# Cuando un rele esta dañado?



## Esli Hernandez (Feb 23, 2008)

buenas quisiera conocer cuando un reles esta dañado o no esta funcionando correctamente... como puedo verificar si esta bien por favor gracias...


----------



## pepechip (Feb 23, 2008)

hola
Los reles normalmente tienen circuitos normalmente abiertos y normalmente cerrados. simplemente verificas la continuidad en los circuitos que estan normalmente cerrados, y verificas que no conduzcan los que estan normalmente abiertos. Luego aplicas tension a la bobina y vuelves a comprobar.
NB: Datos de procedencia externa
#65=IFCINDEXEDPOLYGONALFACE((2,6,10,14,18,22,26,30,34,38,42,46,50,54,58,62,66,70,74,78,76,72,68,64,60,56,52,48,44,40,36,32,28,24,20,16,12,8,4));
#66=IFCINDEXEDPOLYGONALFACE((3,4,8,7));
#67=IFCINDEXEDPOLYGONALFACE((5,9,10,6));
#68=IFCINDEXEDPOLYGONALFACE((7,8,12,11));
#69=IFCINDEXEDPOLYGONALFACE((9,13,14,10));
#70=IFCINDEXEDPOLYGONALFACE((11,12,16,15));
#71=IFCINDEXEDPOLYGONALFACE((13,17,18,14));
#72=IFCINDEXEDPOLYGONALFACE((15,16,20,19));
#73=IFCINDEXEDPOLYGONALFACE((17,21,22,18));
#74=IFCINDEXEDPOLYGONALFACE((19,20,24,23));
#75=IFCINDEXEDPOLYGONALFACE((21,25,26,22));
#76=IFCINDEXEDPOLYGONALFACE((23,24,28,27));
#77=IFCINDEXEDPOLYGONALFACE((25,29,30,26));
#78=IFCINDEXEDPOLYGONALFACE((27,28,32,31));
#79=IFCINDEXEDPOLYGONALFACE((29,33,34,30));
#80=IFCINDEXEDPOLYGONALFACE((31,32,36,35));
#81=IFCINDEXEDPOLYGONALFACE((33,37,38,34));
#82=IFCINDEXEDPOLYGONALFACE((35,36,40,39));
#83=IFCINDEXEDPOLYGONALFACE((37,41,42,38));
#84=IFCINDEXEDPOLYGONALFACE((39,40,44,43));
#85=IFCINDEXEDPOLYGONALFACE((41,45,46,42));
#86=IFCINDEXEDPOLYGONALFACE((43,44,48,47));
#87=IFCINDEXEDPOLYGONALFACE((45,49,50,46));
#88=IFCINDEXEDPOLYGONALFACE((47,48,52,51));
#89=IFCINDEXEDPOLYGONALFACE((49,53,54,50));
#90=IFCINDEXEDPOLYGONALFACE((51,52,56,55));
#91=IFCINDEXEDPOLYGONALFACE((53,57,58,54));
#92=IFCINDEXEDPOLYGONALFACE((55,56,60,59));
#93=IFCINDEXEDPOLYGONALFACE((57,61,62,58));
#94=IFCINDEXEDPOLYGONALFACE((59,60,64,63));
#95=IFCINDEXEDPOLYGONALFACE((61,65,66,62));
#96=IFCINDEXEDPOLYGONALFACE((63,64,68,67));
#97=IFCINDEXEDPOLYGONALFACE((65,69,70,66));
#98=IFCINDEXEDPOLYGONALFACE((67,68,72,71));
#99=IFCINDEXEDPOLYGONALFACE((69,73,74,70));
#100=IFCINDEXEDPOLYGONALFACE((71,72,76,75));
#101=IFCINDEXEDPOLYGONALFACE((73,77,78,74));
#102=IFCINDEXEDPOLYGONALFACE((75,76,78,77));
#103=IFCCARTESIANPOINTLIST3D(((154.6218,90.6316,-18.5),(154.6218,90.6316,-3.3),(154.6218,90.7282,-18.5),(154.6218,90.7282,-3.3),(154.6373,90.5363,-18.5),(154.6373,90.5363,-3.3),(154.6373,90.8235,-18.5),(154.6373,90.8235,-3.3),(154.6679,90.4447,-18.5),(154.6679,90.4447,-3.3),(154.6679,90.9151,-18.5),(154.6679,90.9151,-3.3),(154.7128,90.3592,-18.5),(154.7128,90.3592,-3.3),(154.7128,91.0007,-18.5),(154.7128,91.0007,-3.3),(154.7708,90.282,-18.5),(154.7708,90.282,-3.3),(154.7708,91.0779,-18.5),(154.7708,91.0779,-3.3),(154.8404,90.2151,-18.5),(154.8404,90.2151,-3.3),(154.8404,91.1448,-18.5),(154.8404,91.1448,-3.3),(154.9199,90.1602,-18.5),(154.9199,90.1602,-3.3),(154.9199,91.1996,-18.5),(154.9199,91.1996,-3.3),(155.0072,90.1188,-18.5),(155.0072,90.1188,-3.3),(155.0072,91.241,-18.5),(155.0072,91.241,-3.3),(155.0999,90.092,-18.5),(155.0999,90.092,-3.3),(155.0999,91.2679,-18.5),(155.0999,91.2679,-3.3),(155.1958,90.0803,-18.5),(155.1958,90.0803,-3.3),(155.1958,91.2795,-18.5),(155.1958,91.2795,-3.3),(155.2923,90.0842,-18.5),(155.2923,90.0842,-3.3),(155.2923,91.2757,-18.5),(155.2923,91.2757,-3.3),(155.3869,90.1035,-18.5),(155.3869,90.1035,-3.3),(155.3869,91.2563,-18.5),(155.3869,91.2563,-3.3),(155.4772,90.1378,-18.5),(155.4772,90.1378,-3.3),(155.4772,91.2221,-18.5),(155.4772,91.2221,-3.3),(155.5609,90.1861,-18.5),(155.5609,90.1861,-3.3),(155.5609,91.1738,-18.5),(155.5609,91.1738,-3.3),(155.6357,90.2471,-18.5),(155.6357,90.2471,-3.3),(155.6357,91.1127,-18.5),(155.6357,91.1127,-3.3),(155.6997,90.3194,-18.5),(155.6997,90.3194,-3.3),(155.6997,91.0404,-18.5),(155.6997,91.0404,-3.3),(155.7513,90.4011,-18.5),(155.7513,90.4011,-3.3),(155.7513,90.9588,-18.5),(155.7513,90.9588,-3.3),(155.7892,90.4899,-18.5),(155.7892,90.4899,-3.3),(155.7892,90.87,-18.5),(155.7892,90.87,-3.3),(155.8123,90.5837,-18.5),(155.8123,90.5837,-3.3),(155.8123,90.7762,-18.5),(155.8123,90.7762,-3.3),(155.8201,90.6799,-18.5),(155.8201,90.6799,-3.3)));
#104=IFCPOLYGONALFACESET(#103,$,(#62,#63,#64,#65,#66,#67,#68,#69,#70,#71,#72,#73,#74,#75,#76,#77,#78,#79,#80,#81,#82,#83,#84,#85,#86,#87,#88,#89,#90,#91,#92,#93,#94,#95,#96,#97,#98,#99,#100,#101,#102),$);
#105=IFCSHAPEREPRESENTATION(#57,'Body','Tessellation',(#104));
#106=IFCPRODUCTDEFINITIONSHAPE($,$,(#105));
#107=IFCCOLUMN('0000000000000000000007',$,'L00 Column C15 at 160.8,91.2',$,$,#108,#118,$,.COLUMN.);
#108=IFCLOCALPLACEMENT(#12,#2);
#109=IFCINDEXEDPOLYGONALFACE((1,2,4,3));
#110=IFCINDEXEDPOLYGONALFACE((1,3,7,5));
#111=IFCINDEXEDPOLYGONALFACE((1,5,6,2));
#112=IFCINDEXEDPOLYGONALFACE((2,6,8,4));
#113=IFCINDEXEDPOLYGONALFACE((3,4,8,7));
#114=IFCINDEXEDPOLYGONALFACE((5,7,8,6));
Yo tengo echo un pequeño comprobador para 6 tipos de reles, que son con los que usualmente trabajo.
Dicho comprobador consta de 6 zocalos, uno para cada tipo de rele. Dos displays de 7 segmentos, en donde el situado a la derecha me muestra los contatos que estan normalmente cerrados, y cuando aplico tension a traves de un pulsador a la bobina de los reles, se me apaga el display de la derecha, y se me enciende el display de la izquierda.
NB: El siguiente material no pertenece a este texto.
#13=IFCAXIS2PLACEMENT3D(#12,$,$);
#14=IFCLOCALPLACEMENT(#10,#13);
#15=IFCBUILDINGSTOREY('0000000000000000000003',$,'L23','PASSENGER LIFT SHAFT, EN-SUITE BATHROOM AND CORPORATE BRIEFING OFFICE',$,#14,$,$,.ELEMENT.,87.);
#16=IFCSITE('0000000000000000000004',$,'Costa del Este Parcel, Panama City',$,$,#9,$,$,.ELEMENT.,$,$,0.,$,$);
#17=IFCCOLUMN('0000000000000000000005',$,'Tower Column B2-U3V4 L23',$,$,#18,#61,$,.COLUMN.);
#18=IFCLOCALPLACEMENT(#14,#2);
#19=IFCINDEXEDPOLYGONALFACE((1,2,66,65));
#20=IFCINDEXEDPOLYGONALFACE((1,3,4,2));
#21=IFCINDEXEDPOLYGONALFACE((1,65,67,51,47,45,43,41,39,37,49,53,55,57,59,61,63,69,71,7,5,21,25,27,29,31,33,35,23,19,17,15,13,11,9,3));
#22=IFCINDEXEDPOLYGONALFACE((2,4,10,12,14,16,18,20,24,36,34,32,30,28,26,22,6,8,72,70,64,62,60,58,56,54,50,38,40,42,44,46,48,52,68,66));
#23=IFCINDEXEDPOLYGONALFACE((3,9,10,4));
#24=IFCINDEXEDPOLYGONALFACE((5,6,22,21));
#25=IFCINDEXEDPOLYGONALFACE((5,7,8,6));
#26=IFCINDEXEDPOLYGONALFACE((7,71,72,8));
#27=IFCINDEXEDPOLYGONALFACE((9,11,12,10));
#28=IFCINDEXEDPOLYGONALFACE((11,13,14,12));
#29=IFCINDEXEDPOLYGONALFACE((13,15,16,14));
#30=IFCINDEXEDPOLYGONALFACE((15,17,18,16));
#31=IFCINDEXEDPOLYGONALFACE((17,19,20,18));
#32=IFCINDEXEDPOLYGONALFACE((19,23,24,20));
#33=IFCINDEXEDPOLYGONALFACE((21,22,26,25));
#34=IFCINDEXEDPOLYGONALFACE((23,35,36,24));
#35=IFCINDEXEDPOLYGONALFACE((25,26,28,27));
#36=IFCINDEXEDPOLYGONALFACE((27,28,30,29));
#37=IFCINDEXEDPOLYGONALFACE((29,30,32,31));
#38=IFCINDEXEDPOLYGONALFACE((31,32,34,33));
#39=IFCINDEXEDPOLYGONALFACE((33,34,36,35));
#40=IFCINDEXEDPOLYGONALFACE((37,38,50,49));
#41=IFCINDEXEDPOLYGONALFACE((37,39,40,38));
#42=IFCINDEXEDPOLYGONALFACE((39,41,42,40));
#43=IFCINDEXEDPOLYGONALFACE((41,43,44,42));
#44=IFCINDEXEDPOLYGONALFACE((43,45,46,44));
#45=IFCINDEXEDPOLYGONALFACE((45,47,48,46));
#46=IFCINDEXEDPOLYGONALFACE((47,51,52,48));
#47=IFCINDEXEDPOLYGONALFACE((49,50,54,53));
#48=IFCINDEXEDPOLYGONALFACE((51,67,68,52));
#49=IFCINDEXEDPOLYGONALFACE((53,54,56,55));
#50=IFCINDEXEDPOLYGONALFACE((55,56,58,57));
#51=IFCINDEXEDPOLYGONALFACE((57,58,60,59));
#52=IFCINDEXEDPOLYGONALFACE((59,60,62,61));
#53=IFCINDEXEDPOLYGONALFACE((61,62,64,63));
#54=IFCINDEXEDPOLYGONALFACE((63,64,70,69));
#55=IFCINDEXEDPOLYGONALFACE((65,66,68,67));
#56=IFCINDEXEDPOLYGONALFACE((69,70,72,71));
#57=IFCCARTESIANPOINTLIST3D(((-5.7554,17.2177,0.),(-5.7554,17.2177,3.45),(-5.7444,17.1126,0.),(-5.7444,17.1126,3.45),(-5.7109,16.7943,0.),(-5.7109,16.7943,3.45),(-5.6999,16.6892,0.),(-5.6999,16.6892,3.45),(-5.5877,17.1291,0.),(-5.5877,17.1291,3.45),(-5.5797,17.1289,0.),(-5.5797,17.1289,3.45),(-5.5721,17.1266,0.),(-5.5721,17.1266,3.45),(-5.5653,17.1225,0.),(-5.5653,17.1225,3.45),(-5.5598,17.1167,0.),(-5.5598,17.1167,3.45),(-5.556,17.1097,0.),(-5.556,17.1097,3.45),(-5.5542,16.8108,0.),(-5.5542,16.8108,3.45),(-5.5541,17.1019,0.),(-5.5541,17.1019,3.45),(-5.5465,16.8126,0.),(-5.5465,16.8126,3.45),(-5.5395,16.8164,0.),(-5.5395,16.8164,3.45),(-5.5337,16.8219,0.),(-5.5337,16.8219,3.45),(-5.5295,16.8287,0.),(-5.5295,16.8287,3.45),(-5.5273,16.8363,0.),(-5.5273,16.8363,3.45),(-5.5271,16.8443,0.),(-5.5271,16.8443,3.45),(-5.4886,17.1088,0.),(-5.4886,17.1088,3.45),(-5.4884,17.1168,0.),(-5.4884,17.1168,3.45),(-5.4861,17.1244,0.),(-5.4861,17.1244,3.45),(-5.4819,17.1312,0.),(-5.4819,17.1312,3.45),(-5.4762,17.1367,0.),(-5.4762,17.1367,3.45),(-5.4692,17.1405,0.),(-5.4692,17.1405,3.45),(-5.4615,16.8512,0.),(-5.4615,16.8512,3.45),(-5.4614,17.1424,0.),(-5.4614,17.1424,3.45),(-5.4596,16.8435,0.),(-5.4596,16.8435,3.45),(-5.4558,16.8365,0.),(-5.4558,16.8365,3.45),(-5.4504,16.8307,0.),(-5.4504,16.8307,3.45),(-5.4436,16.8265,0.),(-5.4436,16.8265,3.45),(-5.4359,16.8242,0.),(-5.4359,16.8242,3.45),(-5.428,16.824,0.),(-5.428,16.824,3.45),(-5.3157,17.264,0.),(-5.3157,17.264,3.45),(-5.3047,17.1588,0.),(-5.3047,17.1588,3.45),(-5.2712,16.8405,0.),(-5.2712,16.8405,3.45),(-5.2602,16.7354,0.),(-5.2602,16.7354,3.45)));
Cuando compuevo algun rele me gusta accionarlo 10 veces para verificar que nunca falla.

Yo utilizo displays en lugar de led, ya que los reles con los que yo trabajo tienen 4 circuitos, y con los displays me queda mas curioso, ya que utilizo un segmento para cada circuito del rele y ademas aprecio mejor el cambio al conmutar el rele.

Yo a la hora de comprobarlos la carga que les aplico es de 20mA, que es el consumo del display,
talvez seria interesante ponerles en paralelo alguna resistencia para comprobarlo con un consumo mayor.

saludos


----------



## AleMarquE (May 13, 2010)

Hola muchachos, mi pregunta es muy elemental ... pero es que no me queda claro:
Tengo un rele y quería probar su estado. Lo que no entiendo es que si pruebo contunuidad en la bobina inductora, no debería dar resistencia cero??? la pregunta me surge porque a mi entender debería ser así, pero cuando fui a medir no me dio así, en cambio me dio una cierta impedancia.

Como debería ser??


----------



## Hammer Facer (May 13, 2010)

Tienen una resistencia del orden de las centenas de ohm. Depende del relé.


----------



## AleMarquE (May 13, 2010)

Osea que es normal que no de continuidad en la bobina inductora?
Esto es siempre así o depende del relé?


----------



## Hammer Facer (May 13, 2010)

Es normal, porque la bobina esta formada por muchas vueltas de hilo fino, lo que hace que tenga una cierta resistencia.


----------



## fernandob (May 13, 2010)

rele 5v .......................poca resistencia

rele 48v ...........mas resistencia


----------



## AleMarquE (May 14, 2010)

tambien es logico que tenga algo de resistencia sino no se podría excitar la bobina sin usar una resistencia externa. 

Saludos y gracias por la ayuda


----------



## osciloscopioman (Nov 6, 2012)

Muy buenas

Un relé es un dispositivo que funciona como un interruptor accionado por un circuito eléctrico. Como tal, tiene una serie de características definidas, como el tiempo de apertura, tiempo de cierre, capacidad de corte etc. En caso de relés de protección, además tendrán definida corriente y tiempos de disparo. Por tanto, se puede conocer el estado de un relé analizando los valores reales de estos parámetros y comprobando que se ajustan a los valores esperados.

saludos


----------